Hong Kong sempre più provincia di Pechino dopo l’approvazione lampo da parte del Parlamento dell’ex colonia britannica di una legge sulla sicurezza nazionale che concede al governo maggiori poteri per reprimere il dissenso e inasprisce le pene per reati come il tradimento, la sedizione, la condivisione di segreti di Stato e la “collusione con forze straniere”. Un recepimento interno della già vigente legge sulla sicurezza nazionale imposta dalla Cina nel 2020 a seguito delle proteste pro-democrazia dell’anno precedente che secondo diversi analisti segna la resa della società civile di Hong Kong all’influenza cinese sul territorio.

LA LEGGE – 89 deputati, 89 voti favorevoli. Martedì il Consiglio legislativo di Hong Kong ha approvato la “proposta di legge per la salvaguardia della sicurezza nazionale” durante una seduta speciale arrivata solo 11 giorni dopo la presentazione della bozza completa. La norma, che entrerà in vigore a partire da sabato 23, elenca 39 reati e minaccia pene severe per azioni che le autorità definiscono un rischio per la sicurezza nazionale. Per il tradimento e l’insurrezione è previsto l’ergastolo, per la sedizione invece la pena aumenta da due a sette anni di carcere e il reato diventa perseguibile anche senza intenti violenti. Anche per reati considerati minori come il possesso di “pubblicazioni sediziose” si può arrivare fino a dieci anni di carcere.
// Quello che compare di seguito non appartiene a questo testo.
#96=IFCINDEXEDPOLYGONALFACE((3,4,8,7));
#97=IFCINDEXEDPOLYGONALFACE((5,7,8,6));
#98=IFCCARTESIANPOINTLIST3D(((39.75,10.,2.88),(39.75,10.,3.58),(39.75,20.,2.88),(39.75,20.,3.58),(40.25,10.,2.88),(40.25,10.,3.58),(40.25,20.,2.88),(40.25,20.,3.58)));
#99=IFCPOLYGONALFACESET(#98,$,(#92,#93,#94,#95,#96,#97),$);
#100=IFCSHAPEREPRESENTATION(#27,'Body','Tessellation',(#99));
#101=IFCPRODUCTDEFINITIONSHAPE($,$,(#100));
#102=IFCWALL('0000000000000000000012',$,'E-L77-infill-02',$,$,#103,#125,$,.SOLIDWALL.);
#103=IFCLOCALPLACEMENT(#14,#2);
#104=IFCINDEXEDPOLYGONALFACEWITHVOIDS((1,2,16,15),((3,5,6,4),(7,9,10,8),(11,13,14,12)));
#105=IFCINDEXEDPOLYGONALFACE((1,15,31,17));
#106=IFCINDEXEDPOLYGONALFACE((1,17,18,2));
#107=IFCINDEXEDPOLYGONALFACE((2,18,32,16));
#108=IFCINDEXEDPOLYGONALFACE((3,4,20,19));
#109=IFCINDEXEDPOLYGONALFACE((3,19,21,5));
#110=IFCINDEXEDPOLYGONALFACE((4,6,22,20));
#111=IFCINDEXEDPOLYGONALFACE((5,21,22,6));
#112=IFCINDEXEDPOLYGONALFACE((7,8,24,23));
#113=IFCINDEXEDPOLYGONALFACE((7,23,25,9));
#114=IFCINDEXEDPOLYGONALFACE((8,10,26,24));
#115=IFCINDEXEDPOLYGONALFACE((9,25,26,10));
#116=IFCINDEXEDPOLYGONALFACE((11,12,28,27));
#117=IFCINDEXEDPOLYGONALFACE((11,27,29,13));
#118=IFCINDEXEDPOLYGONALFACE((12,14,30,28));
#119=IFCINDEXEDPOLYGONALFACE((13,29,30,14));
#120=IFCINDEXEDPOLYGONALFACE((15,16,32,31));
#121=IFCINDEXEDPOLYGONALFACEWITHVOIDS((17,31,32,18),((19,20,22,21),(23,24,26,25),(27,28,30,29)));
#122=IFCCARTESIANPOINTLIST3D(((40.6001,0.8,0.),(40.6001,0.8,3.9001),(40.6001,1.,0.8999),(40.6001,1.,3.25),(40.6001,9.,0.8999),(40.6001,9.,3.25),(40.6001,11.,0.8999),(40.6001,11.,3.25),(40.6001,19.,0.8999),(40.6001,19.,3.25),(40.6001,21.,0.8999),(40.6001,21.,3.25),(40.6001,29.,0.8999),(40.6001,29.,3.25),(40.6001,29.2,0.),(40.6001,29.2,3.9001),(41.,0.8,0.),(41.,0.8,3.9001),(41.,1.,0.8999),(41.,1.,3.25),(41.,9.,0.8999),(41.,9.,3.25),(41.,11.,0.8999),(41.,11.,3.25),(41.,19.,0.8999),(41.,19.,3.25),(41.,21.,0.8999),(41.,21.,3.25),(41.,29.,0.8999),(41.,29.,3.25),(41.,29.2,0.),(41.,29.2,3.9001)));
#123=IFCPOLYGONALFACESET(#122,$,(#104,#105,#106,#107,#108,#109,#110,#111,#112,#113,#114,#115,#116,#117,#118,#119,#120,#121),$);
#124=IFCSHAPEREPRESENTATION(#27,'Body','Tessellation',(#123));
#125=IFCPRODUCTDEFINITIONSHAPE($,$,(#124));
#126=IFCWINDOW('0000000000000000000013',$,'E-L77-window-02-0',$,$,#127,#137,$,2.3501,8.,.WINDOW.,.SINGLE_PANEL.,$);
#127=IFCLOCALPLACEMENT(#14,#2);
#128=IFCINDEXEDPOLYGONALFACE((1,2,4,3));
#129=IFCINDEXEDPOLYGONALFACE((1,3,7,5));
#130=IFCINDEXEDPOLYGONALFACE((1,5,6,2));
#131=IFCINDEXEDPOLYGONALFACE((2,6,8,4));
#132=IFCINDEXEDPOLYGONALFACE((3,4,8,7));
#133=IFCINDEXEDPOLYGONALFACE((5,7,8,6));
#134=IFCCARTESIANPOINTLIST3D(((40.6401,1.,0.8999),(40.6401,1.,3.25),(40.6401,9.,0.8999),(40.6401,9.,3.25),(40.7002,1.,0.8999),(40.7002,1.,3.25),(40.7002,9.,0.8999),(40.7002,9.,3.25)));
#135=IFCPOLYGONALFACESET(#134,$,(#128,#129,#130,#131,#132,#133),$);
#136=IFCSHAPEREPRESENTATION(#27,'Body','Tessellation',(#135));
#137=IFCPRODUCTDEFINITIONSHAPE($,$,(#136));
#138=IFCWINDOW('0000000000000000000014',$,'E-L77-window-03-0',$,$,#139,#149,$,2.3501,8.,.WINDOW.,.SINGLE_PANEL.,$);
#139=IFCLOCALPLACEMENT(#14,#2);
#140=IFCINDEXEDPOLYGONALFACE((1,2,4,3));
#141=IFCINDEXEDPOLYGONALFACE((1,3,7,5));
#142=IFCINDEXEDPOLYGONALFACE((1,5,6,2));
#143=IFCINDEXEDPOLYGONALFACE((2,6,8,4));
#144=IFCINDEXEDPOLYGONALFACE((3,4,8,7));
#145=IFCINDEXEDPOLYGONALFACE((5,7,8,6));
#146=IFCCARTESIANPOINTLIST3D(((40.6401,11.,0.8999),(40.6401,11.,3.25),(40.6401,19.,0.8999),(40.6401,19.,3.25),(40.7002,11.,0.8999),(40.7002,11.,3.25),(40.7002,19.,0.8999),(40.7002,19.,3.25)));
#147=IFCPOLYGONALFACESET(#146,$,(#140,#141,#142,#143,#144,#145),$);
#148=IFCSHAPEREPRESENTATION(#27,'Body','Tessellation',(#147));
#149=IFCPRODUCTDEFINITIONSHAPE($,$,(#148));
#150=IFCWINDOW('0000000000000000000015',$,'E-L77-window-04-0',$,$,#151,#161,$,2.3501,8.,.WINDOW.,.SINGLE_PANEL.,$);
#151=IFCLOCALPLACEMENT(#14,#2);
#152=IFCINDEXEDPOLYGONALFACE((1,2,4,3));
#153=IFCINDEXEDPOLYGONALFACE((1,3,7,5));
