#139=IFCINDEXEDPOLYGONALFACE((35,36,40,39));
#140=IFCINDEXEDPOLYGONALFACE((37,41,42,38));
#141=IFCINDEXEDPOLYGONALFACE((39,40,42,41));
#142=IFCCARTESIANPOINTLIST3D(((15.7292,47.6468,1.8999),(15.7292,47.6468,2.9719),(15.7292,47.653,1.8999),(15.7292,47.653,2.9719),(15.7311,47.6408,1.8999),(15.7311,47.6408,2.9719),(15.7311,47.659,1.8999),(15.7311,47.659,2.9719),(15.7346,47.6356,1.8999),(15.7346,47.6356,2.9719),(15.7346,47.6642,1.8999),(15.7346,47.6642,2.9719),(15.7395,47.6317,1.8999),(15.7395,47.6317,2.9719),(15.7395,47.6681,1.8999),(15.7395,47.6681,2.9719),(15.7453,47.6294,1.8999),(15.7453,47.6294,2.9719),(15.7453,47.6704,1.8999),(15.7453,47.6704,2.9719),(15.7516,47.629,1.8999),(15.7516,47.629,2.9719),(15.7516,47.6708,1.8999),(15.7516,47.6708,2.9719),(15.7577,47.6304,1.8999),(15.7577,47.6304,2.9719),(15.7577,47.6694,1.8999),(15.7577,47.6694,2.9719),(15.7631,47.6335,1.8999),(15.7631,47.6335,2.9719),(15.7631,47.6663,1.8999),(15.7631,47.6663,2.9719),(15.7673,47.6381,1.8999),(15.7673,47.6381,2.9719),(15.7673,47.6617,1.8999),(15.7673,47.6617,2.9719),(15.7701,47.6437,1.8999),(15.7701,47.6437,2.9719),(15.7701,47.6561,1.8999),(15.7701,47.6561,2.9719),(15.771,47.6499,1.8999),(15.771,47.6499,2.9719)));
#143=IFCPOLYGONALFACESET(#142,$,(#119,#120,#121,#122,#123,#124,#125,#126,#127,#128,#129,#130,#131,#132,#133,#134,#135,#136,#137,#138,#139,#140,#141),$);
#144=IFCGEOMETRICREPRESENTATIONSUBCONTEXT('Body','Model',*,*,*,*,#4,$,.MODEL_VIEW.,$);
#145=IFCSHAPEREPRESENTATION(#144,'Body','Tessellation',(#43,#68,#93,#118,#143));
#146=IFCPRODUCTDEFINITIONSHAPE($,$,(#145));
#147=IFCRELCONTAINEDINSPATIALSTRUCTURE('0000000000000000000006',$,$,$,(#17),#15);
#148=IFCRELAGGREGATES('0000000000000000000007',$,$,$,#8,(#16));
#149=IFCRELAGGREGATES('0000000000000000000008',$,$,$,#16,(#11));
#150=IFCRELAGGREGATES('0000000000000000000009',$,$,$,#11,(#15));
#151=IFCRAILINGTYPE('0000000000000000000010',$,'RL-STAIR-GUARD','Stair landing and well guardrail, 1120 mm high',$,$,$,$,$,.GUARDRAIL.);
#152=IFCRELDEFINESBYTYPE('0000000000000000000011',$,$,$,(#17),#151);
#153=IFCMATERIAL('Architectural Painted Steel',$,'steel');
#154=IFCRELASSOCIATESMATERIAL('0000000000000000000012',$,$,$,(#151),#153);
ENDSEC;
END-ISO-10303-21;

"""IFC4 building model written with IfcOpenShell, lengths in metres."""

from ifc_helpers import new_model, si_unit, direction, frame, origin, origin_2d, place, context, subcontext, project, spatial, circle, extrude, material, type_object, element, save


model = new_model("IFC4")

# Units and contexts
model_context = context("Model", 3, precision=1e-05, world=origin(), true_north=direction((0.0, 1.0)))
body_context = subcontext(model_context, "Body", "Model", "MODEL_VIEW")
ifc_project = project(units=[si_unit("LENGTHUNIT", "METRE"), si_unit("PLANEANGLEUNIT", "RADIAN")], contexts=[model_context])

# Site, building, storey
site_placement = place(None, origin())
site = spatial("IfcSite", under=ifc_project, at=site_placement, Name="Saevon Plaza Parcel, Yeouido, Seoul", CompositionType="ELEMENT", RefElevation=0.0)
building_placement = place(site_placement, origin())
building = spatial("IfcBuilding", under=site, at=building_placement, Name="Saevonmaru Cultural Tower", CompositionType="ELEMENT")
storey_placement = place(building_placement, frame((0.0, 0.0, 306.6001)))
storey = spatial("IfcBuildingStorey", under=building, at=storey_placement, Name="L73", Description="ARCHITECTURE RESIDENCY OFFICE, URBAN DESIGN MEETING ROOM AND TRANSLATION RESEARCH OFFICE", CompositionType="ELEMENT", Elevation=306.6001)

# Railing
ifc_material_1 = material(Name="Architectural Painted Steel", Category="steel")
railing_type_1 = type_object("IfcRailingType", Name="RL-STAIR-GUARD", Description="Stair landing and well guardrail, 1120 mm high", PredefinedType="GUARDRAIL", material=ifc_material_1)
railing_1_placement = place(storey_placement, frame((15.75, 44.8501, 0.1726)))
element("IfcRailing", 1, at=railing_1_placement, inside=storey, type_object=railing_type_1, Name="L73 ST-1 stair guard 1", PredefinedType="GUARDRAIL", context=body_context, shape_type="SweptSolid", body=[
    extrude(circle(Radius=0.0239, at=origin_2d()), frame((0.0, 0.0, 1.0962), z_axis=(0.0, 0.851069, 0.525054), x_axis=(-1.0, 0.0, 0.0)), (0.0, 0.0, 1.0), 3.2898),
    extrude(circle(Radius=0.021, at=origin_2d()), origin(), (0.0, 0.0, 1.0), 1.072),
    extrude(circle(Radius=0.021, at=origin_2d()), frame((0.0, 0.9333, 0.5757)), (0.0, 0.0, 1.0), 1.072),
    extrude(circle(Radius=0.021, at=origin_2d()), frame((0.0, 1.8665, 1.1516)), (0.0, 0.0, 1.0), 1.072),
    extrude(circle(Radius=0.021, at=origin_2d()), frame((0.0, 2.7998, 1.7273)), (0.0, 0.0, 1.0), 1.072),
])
Maggiori poteri invece alle forze dell’ordine, le stesse che avevano represso a colpi di lacrimogeni le proteste pro-democrazia del 2014 (il cosiddetto movimento degli ombrelli) e del 2019, che potranno tenere in detenzione preventiva fino a 16 giorni, contro le 48 ore precedenti, senza accuse formale i sospettati di questi reati. Problematica anche l’estensione della definizione di “segreti di Stato”. In base alla nuova legge, informazioni sullo “sviluppo economico, tecnologico o scientifico” della città rientrano in questa categoria. Un aspetto che secondo diversi osservatori avrà riflessi negativi sia sulla libertà di informazione, già pesantemente messa a rischio dopo la chiusura dell’ultimo quotidiano indipendente Apple Daily e la detenzione del suo fondatore Jimmy Lai, sia sull’attrattività di Hong Kong come hub economico.

L’INFLUENZA CINESE – Per il presidente del Consiglio di legislatura, il filocinese Andrew Leung, si tratta di una “missione storica” che finalmente “garantirà pace e sicurezza” nella città. Era infatti dal 2003 che si provava ad approvare la legge ma le proteste in piazza lo avevano sempre evitato. A Hong Kong la norma è conosciuta come “pacchetto 23”, dall’articolo 23 della Costituzione interna della città, la cosiddetta Basic Law in vigore dal 1997 quando la colonia britannica è tornata alla Cina, che prevedeva che Hong Kong dovesse avere una sua legge sulla sicurezza nazionale. Negli ultimi cinque anni la morsa di Pechino si è però fatta più stringente. Nel 2020, con l’introduzione della legge sulla sicurezza nazionale che ha represso ogni forma di dissenso e nel 2021 con la norma sulla fedeltà patriottica che prevede che i candidati della politica di Hong Kong siano approvati dal Partito comunista cinese. Nelle ultime settimane, poi, il vicepremier cinese Ding Xuexiang aveva invitato l’amministrazione di Hong Kong ad approvare “in fretta” la normativa.

LE REAZIONI INTERNAZIONALI – Dura la risposta della comunità internazionale. Secondo le Nazioni Unite la nuova legge criminalizza la libertà di espressione e aumenta il rischio di violazione dei diritti umani nel territorio. L’Alto commissario delle Nazioni Unite per i diritti umani, Volker Türk, l’ha definita un “passo indietro” ritenendola “incompatibile in molte delle sue disposizioni con la legge internazionale per la difesa dei diritti umani”. Da Londra invece il Segretario di Stato per gli Affari Esteri, David Cameron, ha criticato la norma per il suo linguaggio ampio e di difficile interpretazione, sottolineando che “renderà difficile fare affari con Hong Kong”. Cameron ha poi accusato la normativa di “alimentare la cultura di autocensura che domina il panorama socio-politico di Hong Kong” e di “erodere la libertà di espressione, di associazione e di informazione”. La legge ha infatti valenza extraterritoriale e si applica dunque ai cittadini di Hong Kong che dal 2019 sono progressivamente fuggiti verso il Regno Unito per timore di repressioni. Pronta la reazione di Pechino che ha definito “calunnie” le critiche internazionali alla nuova norma e ha invitato per bocca del portavoce del ministero degli Esteri, Lin Jian, a “non intromettersi negli affari di Hong Kong”.